--- Michael C Thompson <[EMAIL PROTECTED]> wrote:

> Understandable, I think the role of auditadm is
> pretty clear (affecting 
> audit changes, and that's it).

Consider also the ability to kill arbitrary processes.
That way the auditor can take action should unwanted
behavior be detected. The auditadm should own the
audit files so that they can be manipulated by the
auditadm. Little things, but we found they make the
role much more real-world useable.

> It seems that sysadm
> is the overall admin 
> role, so does the following diagram make sense?
> 
>           ------------- sysadm -----------
>        -- auditadm --                -- secadm--
> 
> auditadm and secadm have some unique capabilities,
> but share 
> functionality with sysadm, but from what I can tell,
> not with each other.

I worked at it for years and never came up with 
a useful secadm role. There are just not enough
things that a secadm can do that don't also require
non-security activities.

> What are the capabilities of secadm? Changing
> security contexts of 
> files, etc?
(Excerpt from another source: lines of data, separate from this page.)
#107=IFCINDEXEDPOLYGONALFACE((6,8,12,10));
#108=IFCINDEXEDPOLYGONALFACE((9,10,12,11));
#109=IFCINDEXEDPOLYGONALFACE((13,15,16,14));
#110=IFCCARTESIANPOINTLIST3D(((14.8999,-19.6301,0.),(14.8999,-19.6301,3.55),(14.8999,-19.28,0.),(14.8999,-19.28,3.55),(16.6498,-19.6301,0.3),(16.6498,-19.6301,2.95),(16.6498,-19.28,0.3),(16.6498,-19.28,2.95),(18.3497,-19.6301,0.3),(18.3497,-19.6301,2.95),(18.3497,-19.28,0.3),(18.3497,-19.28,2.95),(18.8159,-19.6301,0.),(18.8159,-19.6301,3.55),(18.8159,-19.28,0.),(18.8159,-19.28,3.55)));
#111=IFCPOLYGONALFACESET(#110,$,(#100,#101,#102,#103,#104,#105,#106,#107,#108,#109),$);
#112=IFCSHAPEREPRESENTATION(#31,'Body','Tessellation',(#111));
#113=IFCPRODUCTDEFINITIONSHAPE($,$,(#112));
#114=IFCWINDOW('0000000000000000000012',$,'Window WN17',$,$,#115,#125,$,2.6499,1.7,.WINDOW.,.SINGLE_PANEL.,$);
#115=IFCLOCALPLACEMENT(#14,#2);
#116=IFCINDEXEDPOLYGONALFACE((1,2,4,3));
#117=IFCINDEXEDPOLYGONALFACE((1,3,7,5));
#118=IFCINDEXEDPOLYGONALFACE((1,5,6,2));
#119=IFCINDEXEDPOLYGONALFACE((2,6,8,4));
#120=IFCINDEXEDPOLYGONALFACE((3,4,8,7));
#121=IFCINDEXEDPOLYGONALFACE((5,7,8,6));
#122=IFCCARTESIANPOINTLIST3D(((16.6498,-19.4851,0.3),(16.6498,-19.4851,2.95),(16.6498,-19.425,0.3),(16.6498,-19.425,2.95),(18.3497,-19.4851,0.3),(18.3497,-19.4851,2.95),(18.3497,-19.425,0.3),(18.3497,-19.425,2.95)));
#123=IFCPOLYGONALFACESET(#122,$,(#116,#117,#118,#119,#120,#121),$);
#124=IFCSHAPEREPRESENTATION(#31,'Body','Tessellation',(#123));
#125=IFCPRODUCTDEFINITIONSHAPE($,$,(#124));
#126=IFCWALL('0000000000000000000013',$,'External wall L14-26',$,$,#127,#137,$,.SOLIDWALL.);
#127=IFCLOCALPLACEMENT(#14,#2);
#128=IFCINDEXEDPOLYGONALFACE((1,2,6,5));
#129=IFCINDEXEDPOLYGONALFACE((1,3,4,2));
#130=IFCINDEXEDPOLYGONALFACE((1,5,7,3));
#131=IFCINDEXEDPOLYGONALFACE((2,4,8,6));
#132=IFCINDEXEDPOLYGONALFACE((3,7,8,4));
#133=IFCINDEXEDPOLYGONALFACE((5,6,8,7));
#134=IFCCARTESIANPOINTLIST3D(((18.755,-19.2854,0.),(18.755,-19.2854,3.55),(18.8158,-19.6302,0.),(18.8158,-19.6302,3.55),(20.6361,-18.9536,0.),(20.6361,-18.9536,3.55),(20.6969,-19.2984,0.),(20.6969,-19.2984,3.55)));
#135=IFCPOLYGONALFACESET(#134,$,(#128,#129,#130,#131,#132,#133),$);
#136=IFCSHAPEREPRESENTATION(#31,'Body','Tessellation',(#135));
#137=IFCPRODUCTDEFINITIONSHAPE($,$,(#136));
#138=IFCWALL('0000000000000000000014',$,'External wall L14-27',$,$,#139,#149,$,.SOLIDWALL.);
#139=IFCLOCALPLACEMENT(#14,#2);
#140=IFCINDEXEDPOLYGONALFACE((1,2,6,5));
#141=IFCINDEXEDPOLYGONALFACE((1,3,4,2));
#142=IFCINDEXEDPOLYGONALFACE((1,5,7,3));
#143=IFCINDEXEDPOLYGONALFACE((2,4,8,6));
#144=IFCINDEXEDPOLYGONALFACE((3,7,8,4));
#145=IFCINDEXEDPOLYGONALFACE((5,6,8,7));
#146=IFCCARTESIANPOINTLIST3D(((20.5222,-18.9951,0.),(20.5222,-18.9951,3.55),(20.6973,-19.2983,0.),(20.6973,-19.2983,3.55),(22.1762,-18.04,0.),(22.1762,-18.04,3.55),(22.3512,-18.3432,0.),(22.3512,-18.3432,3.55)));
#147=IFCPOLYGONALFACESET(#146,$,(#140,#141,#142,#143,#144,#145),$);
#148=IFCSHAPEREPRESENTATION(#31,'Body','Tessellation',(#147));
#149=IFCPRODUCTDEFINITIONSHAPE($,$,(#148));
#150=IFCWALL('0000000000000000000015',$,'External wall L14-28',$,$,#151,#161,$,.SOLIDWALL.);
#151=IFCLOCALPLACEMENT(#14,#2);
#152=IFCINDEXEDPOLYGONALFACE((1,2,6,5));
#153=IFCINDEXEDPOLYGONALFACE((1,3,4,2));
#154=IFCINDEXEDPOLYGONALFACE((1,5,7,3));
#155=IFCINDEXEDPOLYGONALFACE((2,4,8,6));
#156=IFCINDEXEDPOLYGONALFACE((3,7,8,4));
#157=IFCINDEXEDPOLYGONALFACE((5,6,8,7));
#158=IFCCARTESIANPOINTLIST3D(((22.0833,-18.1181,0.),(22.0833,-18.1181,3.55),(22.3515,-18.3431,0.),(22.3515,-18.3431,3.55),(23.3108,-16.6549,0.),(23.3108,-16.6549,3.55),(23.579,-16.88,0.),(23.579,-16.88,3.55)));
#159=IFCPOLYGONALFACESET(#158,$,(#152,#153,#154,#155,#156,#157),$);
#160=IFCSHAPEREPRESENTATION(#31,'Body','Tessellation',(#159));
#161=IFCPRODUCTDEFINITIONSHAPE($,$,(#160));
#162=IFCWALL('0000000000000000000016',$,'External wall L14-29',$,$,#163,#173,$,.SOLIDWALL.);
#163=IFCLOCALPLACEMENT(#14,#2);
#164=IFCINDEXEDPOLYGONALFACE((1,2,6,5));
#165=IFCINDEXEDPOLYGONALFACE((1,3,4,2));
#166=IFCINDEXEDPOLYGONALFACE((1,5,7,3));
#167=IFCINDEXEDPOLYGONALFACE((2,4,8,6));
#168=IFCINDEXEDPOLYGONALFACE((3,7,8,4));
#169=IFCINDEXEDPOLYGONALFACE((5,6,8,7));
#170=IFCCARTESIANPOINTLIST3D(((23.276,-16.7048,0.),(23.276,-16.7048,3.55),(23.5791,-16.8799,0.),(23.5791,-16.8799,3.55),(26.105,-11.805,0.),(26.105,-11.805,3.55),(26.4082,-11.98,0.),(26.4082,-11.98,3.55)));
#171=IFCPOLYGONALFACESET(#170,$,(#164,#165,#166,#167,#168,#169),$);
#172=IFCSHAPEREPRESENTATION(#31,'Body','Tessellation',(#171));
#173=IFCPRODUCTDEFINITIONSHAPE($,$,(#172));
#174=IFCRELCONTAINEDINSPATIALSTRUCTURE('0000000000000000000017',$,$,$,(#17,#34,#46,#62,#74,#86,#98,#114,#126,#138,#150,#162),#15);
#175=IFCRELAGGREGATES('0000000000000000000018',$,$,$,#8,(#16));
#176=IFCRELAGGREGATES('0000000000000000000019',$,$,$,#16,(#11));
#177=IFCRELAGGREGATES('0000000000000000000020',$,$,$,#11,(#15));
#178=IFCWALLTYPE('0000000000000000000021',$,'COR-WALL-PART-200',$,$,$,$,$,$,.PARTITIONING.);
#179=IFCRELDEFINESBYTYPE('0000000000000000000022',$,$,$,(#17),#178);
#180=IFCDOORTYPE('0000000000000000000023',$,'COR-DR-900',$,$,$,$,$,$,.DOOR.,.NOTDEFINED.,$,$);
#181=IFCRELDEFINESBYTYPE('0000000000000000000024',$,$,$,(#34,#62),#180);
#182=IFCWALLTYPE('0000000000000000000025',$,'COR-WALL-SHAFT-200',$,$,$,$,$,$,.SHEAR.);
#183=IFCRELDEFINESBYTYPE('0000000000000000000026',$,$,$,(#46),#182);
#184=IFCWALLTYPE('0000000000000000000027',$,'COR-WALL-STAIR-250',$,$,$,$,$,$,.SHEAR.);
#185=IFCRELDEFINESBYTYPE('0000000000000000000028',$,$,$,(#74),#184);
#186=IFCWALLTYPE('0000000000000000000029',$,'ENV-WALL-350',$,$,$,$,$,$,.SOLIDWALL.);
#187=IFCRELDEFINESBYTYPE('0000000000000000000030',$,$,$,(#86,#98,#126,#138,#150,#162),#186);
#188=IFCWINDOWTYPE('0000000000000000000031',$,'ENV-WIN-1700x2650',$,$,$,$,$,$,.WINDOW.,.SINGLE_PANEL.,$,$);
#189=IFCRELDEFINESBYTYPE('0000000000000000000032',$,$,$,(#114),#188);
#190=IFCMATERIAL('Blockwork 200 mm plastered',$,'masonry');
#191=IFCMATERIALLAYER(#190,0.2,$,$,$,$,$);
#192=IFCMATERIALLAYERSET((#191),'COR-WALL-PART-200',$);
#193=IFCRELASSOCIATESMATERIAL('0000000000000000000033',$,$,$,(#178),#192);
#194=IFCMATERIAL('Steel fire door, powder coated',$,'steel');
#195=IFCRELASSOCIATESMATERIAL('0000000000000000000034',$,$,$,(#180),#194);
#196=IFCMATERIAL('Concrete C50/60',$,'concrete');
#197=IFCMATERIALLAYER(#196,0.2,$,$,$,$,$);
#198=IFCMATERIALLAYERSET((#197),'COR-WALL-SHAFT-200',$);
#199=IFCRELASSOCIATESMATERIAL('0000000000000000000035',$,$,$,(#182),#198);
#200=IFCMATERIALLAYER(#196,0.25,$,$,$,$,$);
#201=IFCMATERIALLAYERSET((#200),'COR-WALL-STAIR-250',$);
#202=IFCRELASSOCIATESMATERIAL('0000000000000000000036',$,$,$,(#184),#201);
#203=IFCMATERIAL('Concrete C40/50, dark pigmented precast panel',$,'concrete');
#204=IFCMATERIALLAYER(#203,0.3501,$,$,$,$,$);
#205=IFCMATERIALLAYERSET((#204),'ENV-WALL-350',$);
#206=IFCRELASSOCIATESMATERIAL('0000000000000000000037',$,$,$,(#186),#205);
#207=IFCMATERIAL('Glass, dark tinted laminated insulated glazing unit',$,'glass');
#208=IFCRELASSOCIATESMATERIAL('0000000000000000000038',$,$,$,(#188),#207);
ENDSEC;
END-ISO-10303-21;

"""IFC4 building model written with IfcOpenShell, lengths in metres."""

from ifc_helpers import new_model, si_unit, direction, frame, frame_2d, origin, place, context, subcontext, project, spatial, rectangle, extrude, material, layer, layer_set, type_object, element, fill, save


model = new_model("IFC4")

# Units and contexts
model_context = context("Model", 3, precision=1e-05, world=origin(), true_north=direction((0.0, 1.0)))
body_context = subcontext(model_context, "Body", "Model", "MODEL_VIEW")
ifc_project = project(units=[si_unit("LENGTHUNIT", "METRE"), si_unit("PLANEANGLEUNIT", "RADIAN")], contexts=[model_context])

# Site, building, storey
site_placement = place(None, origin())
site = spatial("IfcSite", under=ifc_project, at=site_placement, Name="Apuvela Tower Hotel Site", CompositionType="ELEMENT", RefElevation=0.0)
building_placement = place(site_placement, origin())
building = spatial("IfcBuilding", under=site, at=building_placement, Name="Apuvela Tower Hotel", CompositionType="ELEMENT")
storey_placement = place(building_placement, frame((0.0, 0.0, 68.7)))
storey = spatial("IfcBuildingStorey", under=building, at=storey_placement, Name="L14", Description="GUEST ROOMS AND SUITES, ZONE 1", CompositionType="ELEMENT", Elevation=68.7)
Anything else?

The sysadm needs to do that, for program installation
and creation of user accounts.

>  > I think the most important
> > part is that sysadm should be prevented from using
> auditctl to modify
> > rules, and from stopping/restarting auditd, which
> would ensure that the 
> > sysadm can't change the audit config without
> restarting the entire
> > system.
> 
> I would agree, I need to know what the approach will
> be so I can test 
> though.

The Unix experiance is that an auditadm is good
and a secadm is not worth the bother because the
secadm role is too tightly bound to the sysadm role.